Take 7 minutes and take a look. Just wow.


----------



## Deebo (Oct 27, 2012)

The virtual president has my vote.


----------



## rickkyw1720pf (Nov 17, 2012)

History gives us the best reasons for the need of a 2nd amendment. More people were killed by their own governments in the 20th Century then all the wars, and at one time all the people in those countries thought it would be impossible to happen to them. But the truth of the matter is we shouldn't have to keep defending the 2nd amendment. The Constitution give a means to change it and just because they know that they could never get a Constitutional amendment doesn't give them a right to go around it.


----------



## Montana Rancher (Mar 4, 2013)

I watch Bill Whittle all the time here

PJTV - Bill Whittle

PJTV is good

Bookmark it, every 2 weeks there are updates

Also quite fun is Newsbusted on Youtube


----------



## BetrayedAmerican (Jan 8, 2013)

Prepadoodle said:


> Take 7 minutes and take a look. Just wow.
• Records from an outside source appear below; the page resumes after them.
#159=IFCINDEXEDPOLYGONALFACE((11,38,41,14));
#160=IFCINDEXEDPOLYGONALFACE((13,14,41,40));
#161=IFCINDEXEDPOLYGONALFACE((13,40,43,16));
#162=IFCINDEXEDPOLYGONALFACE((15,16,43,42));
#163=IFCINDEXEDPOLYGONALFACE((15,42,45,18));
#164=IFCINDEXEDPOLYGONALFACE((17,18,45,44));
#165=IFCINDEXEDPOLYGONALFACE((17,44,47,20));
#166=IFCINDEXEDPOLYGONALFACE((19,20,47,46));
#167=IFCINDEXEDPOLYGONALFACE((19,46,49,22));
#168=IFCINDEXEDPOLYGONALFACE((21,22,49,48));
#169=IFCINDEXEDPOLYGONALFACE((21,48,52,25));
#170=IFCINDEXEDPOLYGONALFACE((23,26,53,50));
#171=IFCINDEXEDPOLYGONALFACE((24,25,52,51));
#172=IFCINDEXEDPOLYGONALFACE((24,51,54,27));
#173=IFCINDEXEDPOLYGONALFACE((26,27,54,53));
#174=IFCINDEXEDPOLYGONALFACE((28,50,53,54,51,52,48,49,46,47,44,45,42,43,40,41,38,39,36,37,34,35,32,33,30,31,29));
That is by far one of the coolest things I have ever seen.. He is so quite yet speaks so deeply into the soul... We need more like him, he was absolutely right.. Good Find.


----------



## HuntingHawk (Dec 16, 2012)




----------



## HuntingHawk (Dec 16, 2012)




----------



## Titan6 (May 19, 2013)

Right on Target...Thank You for sharing...Loved it


----------